Ich habe mich auf einer Erotikseite umgeschaut um legal filme zu laden. Leider ist dies eine englischsprachige Seite und ich kapiere den Ablauf nicht ganz. Vielleicht kann mir hier jemand helfen, den ich schiebe momentan voll die Panik, da ich Angst habe sehr viel Geld zu verlieren.

Ich bin auf dieser Internetseite schon lange angemeldet. Es handelt sich auch um einen seriösen Anbieter. Ich habe in der Vergangenheit immer per Post bezahlt. Ich glaube jedoch, dass ich auch mal eine Lastschrift eingerichtet habe vor einigen Jahren. Ich bin mir da jedoch nicht so sicher. Jetzt habe ich Angst, dass diese eingerichtete Lastschrift automatisch genutzt wird, wenn ich in den Premium Bereich gehe.

Als ich auf der Seite letztens mal gestöbert habe, bin ich nämlich in einen LiveCam Bereich gekommen. Nun habe ich sehr viel Angst, dass ich hier viel Geld bezahlen muss, weil man pro Minute bezahlt. Da ich einen Adblocker benutze, weiß ich nicht, ob vllt. eine Webcam "offen" war. Wenn mein Rechner läuft und ich die Seite nicht schließe können so einige Stunden (und tausende von Euros) zusammenkommen und ich hätte davon gar nichts.
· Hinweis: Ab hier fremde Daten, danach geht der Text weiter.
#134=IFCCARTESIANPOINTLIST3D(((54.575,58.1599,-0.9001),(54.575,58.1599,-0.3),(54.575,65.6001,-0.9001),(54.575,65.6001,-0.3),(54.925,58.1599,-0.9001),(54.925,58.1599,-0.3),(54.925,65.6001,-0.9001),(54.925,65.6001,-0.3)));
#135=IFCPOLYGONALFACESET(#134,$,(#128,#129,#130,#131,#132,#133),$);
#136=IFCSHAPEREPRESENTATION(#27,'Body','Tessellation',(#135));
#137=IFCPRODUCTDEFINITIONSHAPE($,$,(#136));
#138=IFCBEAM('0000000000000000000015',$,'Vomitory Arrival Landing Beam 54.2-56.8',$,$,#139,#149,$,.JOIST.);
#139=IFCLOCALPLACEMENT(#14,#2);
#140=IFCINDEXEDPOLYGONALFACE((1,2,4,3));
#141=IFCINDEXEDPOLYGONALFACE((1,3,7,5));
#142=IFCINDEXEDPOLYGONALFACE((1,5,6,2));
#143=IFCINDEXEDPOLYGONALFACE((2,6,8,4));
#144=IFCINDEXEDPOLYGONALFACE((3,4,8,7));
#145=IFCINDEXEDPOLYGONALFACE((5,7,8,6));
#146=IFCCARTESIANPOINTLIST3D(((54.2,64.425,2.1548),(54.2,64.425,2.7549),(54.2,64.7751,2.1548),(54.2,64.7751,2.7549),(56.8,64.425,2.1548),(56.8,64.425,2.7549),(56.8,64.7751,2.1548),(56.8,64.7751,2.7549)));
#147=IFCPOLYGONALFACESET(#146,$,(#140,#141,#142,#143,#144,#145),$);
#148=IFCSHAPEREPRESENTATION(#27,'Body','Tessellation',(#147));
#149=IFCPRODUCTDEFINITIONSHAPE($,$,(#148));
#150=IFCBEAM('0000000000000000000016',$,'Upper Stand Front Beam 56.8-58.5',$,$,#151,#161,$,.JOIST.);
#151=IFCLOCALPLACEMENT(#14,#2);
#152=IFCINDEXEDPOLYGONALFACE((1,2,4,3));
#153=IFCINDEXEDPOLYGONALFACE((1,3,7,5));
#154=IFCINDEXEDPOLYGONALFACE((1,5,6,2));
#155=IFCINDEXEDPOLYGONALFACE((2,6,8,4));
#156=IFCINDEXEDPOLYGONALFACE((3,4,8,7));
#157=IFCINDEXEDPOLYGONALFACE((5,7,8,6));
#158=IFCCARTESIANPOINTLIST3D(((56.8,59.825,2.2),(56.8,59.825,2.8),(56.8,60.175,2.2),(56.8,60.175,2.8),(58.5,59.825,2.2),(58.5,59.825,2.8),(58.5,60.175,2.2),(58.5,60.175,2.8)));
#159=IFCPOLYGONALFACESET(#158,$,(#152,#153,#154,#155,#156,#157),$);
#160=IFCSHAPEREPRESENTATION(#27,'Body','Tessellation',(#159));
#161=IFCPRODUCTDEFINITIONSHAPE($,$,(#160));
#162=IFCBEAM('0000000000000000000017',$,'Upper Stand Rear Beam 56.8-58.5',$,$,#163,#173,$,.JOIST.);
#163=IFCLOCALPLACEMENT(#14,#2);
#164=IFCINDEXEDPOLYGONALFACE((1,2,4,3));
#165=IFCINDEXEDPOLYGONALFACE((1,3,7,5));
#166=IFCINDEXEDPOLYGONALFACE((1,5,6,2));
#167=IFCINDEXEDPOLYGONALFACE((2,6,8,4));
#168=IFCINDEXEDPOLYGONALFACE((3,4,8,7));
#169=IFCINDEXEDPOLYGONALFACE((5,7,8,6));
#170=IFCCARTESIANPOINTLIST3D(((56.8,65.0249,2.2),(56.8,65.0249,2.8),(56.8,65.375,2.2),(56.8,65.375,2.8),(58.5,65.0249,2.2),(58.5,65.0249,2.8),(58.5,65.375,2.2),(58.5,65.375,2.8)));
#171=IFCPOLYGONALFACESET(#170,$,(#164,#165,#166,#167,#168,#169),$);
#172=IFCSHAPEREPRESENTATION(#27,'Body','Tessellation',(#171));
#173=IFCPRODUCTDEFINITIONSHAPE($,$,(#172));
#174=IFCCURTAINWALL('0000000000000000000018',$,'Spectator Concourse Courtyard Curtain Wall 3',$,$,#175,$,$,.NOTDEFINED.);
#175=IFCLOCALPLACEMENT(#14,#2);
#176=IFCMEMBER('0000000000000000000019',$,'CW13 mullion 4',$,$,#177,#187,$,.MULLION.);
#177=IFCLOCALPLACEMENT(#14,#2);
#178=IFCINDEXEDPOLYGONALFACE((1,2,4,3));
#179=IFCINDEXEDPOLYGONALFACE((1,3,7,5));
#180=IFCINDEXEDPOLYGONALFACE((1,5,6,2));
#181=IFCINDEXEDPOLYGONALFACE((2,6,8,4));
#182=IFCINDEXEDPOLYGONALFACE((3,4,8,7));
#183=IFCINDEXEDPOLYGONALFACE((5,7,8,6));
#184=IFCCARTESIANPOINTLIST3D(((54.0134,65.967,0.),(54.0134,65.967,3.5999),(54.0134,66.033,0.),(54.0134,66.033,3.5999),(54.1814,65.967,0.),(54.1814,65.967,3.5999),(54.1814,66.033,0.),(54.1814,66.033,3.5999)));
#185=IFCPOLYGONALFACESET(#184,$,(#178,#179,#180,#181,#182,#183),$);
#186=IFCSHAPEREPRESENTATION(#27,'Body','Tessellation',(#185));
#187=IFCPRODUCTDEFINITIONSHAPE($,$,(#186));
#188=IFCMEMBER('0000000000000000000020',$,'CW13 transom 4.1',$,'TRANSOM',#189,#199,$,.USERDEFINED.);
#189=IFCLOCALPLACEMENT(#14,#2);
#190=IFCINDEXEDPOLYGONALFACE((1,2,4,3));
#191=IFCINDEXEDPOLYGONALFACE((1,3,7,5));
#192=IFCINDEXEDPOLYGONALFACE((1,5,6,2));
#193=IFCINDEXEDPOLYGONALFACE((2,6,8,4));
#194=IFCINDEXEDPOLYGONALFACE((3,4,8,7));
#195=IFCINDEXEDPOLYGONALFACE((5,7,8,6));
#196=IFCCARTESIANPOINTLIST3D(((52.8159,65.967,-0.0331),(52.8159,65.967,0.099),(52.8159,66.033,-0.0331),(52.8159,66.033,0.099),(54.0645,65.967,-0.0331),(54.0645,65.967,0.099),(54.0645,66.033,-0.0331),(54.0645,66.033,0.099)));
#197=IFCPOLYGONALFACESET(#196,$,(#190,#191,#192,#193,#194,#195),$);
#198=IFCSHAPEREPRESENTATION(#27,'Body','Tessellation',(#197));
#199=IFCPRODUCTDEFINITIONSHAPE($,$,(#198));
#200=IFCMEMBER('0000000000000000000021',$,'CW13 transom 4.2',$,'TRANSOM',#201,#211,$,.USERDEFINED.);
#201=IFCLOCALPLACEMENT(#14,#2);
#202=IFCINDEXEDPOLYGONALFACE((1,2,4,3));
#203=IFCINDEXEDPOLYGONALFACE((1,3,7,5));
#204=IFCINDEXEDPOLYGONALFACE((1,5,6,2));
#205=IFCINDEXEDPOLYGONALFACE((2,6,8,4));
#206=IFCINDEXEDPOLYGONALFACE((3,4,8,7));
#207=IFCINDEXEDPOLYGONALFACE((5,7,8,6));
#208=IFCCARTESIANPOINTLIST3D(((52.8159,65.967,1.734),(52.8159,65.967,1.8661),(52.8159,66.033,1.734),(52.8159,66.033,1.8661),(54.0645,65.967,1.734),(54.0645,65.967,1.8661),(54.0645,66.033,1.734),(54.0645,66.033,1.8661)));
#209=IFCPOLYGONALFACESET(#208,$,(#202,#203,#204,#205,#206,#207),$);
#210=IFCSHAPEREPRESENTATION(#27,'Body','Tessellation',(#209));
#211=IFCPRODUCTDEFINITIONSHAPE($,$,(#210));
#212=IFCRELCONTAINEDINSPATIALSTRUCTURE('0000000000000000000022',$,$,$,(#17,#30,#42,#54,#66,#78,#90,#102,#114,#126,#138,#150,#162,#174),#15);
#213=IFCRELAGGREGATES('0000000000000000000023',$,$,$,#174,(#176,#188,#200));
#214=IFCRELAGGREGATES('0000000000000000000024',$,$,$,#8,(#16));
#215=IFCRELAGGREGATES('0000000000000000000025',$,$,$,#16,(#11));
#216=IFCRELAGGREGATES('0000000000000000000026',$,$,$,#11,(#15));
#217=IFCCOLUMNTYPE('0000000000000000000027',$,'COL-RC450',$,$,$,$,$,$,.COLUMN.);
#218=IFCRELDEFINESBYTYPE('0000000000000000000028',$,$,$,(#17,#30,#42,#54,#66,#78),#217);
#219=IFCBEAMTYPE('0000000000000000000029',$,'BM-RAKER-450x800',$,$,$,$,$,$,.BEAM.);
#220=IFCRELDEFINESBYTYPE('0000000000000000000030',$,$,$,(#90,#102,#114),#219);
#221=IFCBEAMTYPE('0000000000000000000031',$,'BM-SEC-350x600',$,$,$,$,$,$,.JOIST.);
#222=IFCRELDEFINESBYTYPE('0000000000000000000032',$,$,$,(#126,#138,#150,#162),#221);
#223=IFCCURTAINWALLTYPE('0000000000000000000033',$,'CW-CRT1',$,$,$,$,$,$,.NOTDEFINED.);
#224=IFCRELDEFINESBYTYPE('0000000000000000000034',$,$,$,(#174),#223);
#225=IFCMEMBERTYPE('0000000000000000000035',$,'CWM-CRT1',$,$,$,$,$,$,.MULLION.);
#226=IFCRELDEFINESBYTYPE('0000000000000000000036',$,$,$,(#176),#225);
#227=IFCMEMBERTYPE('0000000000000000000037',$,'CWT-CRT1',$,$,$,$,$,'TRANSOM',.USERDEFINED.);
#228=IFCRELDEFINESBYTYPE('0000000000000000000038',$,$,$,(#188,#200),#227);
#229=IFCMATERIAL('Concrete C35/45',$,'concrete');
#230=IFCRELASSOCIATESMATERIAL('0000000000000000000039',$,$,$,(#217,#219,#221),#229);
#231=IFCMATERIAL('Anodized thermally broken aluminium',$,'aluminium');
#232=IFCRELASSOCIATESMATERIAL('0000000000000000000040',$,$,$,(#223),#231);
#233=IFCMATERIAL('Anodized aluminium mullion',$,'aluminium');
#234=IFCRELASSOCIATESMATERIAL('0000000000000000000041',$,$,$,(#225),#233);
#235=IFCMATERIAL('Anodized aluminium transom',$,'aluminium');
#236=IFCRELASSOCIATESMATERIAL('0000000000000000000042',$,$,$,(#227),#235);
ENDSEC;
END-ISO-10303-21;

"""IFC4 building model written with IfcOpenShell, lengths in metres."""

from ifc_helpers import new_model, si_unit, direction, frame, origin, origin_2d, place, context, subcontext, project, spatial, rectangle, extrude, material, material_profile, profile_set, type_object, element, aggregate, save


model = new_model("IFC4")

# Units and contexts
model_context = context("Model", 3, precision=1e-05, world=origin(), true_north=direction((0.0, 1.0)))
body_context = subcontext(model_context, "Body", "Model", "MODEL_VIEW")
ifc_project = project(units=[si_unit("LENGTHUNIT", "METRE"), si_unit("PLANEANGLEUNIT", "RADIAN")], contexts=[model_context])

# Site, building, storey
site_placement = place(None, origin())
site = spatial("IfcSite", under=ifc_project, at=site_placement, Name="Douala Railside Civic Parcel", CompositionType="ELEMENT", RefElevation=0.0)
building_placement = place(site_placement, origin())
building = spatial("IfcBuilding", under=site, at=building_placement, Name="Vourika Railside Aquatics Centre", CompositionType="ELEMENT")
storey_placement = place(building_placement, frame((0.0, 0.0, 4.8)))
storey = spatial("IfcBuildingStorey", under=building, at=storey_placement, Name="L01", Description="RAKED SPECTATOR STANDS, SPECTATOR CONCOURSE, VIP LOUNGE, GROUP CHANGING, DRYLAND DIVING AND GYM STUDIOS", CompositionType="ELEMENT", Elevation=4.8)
Meine einzige Hoffnung ist, dass man sich extra bei den Zahlungsabwicklern nochmal anmelden oder mit Passwort/PIN identifizieren muss, um sowas nutzen zu können. Sowas habe ich nämlich nicht eingegeben. Wenn man aber die Bezahlmöglichkeiten durchgeht, wird sowas nicht abgefragt. Geschieht dies vllt. erst nach Eingabe von Kartennummer und Name?

Zur Information:
Auf der Seite gibt es verschiedene Payment Optionen

1.Visa, Mastercard, Discover
2.Check/ACH
3.Lastschrift, Automatische Incasso, Cargo Bancario, Direct Debit

Bei 1. muss man eine Creditkartennummer eingeben und den Namen plus Adresse. Eine Kreditkarte habe ich jedoch nicht.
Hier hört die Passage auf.